Charter Communications Inc. offered to buy Time Warner Cable Inc. for about $132.50 a share, valuing the second-largest U.S. cable provider at more than $61 billion, including debt.
The proposal includes about $83 cash per share and about $49.50 in Charter stock, Tom Rutledge, Charter’s Chief Executive Officer, said in an interview. The offer is the third-largest for any global company since 2009, data compiled by Bloomberg show.
Charter on Monday sent a letter to Time Warner Cable Chief Executive Officer Rob Marcus, explaining why the company’s offer is beneficial for shareholders. Charter is attempting to acquire Time Warner Cable, a company with an enterprise value more than twice Charter’s size, to create a provider of TV, Internet and phone for about 20 million customers in 38 states. Time Warner is the dominant cable provider in the Kansas City area.
Rutledge said he last proposed an offer in late December, around Christmas, which Marcus rejected.
“We haven’t received a serious response,” Rutledge said Monday in a telephone interview. “Our objective was to talk to management and try to get them engaged. They have not, so we’re going to make our case to shareholders about why this deal is good for them and hope they ask management and the board to watch out for the interests of shareholders.”
Rutledge and Charter Chief Financial Officer Chris Winfrey met with Marcus and Time Warner Cable CFO Artie Minson in December to walk through details of the offer, including structure, financing, tax and cash flow implications, according to the letter. Charter indicated its willingness then to submit a proposal in the low $130s, including a cash component of $83.
When Time Warner Cable responded to that with a request for a higher bid including a higher cash component, Charter determined it wasn’t interested in pursuing a merger agreement, according to the letter.
Time Warner Cable’s response was “not a serious offer,” said Rutledge, who declined to say the exact price. “They knew the price they were offering was designed to not appeal.”

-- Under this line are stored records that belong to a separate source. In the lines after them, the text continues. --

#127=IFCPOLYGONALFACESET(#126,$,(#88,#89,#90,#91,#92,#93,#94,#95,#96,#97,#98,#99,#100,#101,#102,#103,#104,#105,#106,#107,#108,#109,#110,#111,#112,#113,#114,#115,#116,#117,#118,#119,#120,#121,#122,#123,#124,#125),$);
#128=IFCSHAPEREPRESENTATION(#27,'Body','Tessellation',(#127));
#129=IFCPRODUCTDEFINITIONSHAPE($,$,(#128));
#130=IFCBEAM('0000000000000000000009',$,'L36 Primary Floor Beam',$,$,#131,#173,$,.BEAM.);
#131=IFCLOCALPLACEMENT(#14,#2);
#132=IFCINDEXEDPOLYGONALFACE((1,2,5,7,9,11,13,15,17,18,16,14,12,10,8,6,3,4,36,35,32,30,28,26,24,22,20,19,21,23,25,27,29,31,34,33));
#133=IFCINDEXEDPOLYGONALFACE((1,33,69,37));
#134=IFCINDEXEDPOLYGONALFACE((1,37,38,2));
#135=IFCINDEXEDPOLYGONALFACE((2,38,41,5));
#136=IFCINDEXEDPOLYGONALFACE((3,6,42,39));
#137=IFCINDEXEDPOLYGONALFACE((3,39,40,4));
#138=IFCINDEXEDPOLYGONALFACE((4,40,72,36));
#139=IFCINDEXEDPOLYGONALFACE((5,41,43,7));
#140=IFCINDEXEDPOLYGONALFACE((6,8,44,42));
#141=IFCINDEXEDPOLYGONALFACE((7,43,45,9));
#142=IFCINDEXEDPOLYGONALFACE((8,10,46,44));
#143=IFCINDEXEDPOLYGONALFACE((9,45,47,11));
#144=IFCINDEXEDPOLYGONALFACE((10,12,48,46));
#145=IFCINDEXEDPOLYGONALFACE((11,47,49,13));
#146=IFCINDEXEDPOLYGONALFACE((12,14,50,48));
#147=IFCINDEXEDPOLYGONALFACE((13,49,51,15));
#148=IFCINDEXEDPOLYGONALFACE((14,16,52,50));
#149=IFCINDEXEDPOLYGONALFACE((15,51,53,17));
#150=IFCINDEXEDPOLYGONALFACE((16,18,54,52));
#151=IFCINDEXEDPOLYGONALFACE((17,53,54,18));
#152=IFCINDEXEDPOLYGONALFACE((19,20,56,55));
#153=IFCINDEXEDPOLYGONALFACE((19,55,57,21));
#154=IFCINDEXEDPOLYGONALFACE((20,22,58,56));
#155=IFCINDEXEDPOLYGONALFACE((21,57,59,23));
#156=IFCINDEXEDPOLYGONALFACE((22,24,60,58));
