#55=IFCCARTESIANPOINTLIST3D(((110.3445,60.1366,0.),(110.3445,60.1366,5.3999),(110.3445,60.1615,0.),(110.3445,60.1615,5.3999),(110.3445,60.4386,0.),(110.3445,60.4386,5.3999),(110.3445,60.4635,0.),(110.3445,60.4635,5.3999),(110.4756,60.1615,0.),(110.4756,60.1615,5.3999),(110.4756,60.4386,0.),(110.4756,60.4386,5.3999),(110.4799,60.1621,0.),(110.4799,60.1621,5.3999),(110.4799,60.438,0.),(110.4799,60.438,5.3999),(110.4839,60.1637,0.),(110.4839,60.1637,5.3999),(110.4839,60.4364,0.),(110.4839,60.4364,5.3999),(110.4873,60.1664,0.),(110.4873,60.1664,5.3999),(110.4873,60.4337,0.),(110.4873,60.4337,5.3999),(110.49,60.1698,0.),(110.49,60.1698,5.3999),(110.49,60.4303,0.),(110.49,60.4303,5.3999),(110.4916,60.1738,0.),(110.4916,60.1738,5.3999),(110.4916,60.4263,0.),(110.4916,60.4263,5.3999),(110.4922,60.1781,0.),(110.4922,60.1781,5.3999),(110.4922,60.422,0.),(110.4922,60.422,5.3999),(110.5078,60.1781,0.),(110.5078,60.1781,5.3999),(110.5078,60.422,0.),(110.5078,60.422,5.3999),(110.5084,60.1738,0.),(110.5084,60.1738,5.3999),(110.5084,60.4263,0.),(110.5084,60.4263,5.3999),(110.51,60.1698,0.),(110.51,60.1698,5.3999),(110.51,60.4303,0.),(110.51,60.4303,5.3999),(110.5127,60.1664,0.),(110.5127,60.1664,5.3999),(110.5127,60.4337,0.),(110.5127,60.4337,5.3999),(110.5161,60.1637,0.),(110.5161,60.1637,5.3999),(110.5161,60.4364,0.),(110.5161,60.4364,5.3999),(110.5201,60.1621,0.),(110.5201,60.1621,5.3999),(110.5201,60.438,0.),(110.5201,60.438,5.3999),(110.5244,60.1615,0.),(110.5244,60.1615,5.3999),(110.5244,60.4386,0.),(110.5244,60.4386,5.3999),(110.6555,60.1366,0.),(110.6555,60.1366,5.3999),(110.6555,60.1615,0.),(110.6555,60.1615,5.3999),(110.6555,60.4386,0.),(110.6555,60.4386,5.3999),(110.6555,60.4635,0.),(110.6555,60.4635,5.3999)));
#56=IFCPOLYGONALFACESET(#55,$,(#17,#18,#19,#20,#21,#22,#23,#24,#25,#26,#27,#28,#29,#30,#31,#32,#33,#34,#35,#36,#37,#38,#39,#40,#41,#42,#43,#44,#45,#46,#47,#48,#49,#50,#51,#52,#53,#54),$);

Charter is preserving “all options going forward,” including nominating a slate of directors to Time Warner Cable’s board, according to a person familiar with the matter. Still, Rutledge would prefer to complete a friendly cash and stock deal as soon as possible, he said. Charter has “fully negotiated” financing and can be “in a position to sign commitment letters in a matter of days,” according to the letter.
Time Warner Cable shareholders would own about 45 percent of the new company in the proposed deal, Rutledge said. A deal would give the combined company more leverage in future negotiations with content companies, who have been raising annual prices at about 10 percent per year. An acquisition would also allow Charter, the fourth-largest cable operator, to use its net operating losses as a future tax shield.
Moreover, Charter management would improve Time Warner Cable’s customer service and restart video growth, Rutledge said.
“Since we made our first proposal, Time Warner Cable has lost another half million video customers,” Rutledge said. “Their customer service continues to decline in every measure. We can improve it. We have a demonstrated track record of improving customer service. It’s a question of credibility.”
Time Warner Cable has resisted Charter’s approaches to reach a friendly deal on several occasions over the past few months: in June, October and, most recently, December, Rutledge said.
Bloomberg first reported Charter’s intent to make an offer for Time Warner Cable last month. A successful takeover would be the largest of a cable company since Comcast Corp. acquired AT&T Broadband in 2001 for about $72 billion.